第6話 完世紀1940年6月 〈フランセーズ共和国 / Paris-Amiens〉

 私は、いつになく緊張していた。


 しかしそんな私を全く顧みず、隣のイズマルは鼻歌まじりで車を走らせていた。手馴れたものである。雨が降り出してきて、彼はワイパーのスイッチを入れた。

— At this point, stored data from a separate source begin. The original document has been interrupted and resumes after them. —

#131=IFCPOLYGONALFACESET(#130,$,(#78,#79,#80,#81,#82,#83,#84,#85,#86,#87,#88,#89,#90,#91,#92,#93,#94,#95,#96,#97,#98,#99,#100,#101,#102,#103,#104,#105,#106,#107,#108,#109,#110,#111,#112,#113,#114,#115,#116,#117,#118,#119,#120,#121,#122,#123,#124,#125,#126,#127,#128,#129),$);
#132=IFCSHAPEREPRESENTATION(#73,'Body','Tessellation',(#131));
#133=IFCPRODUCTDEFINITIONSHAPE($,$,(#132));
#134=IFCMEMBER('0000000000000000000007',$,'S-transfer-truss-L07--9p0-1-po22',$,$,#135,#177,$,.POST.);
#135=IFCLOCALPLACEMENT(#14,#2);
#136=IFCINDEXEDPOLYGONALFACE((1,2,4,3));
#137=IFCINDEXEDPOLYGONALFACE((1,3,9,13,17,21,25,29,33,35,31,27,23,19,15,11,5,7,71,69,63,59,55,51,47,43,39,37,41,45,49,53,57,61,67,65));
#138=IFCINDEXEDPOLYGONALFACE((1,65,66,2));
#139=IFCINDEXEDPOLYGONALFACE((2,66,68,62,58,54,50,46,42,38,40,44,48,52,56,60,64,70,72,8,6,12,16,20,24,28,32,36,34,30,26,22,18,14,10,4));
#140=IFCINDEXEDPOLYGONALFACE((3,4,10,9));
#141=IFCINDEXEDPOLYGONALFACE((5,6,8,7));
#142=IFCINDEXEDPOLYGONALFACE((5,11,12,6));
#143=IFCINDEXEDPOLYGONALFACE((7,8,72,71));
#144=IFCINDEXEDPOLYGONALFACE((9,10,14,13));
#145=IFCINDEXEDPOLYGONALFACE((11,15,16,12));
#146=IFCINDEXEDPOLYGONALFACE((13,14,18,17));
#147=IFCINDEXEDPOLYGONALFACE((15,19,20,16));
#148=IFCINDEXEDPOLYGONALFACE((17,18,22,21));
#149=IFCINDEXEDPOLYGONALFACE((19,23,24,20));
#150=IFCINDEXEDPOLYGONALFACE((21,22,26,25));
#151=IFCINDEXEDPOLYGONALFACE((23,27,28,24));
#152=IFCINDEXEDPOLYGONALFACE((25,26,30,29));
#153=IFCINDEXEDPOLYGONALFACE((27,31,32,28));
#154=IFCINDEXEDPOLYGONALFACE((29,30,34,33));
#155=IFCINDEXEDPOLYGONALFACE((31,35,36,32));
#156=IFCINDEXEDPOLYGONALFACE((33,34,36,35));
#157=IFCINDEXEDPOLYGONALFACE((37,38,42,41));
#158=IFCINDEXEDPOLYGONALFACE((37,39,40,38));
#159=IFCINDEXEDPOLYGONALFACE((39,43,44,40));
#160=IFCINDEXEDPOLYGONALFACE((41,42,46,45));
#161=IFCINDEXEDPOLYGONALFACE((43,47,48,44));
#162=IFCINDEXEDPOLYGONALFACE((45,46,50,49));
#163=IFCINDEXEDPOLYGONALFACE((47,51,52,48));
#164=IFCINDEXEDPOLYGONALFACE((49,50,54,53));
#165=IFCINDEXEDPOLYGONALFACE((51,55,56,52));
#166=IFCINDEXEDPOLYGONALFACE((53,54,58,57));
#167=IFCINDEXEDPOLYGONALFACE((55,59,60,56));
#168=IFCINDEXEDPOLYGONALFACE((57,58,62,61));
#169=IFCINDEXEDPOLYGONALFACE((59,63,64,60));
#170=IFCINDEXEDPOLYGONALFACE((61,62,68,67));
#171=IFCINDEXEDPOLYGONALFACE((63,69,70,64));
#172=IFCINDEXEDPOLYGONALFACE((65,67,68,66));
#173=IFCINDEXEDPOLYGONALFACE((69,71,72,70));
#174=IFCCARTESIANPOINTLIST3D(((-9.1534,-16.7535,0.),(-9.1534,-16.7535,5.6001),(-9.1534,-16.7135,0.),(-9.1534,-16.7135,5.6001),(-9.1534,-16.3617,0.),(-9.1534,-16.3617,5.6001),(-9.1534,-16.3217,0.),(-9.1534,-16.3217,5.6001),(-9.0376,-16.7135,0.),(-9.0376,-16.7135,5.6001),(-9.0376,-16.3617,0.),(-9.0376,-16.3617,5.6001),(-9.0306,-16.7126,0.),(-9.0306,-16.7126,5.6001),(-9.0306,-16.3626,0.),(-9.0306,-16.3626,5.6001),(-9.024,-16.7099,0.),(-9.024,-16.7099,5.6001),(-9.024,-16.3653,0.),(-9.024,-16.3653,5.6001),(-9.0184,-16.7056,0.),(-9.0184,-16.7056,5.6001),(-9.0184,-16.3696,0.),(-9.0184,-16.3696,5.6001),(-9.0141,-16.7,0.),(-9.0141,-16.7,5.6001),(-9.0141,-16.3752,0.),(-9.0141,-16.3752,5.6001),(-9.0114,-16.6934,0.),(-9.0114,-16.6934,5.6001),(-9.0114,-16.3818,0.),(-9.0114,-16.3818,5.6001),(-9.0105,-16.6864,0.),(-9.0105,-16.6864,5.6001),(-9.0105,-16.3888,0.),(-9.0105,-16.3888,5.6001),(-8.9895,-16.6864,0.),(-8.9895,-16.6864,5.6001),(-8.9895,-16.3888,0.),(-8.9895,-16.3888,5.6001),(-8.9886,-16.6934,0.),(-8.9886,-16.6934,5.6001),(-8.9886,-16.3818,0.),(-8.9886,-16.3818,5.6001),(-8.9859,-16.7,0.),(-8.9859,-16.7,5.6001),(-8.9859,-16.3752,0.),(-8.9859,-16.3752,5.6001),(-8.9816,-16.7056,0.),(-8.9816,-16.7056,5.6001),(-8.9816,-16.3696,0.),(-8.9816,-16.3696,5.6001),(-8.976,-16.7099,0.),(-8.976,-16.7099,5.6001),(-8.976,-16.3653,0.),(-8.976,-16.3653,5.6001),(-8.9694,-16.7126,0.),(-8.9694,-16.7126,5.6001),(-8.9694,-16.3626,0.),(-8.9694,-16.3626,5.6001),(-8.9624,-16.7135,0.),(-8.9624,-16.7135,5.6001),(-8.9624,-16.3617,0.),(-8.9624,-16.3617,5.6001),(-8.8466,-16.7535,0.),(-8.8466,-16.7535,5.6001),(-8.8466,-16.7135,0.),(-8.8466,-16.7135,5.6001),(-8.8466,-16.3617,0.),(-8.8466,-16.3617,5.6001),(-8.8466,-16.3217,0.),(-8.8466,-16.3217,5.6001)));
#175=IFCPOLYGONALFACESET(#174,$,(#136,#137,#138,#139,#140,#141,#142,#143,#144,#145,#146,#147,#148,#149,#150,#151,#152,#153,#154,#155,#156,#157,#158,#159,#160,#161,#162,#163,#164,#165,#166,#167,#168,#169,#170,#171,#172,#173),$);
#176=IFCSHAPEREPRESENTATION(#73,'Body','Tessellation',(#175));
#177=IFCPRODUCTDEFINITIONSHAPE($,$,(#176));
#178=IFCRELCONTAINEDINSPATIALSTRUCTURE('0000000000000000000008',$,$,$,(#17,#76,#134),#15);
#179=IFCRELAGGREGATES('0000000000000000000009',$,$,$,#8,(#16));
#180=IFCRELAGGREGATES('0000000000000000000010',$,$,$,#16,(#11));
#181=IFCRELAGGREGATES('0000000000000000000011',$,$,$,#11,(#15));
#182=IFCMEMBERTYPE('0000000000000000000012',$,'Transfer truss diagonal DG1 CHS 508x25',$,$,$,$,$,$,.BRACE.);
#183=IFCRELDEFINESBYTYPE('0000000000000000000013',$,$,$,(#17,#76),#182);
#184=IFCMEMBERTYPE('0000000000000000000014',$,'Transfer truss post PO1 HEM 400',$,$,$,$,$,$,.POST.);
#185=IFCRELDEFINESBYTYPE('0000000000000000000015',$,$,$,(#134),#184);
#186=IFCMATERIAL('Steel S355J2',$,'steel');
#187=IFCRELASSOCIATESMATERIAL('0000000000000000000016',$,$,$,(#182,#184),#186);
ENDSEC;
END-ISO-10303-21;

「他の三人も連れてきた方が良かったのではないでしょうか。せめてギルさんだけでも……」

 シートベルトを強く握る。車だから、と置いてきたが、交渉にあたって二人だけというのは、些か心細かった。

「エーミール、そんな心配しなくても大丈夫。俺がいるからね」

 イズマルはその紅顔に微笑を湛え、束の間のドライブを楽しんでいるようだった。


 この人はいつも気楽だな、と思う。彼は私より三つも年下だが、この悠然と構えた心持ちは一体どこから来るのだろう。何十人もの要人と一夜を共にすれば、私も彼のようになれるのだろうか、と考えて、己の浅薄さを恥じた。いやはや、実に失礼である。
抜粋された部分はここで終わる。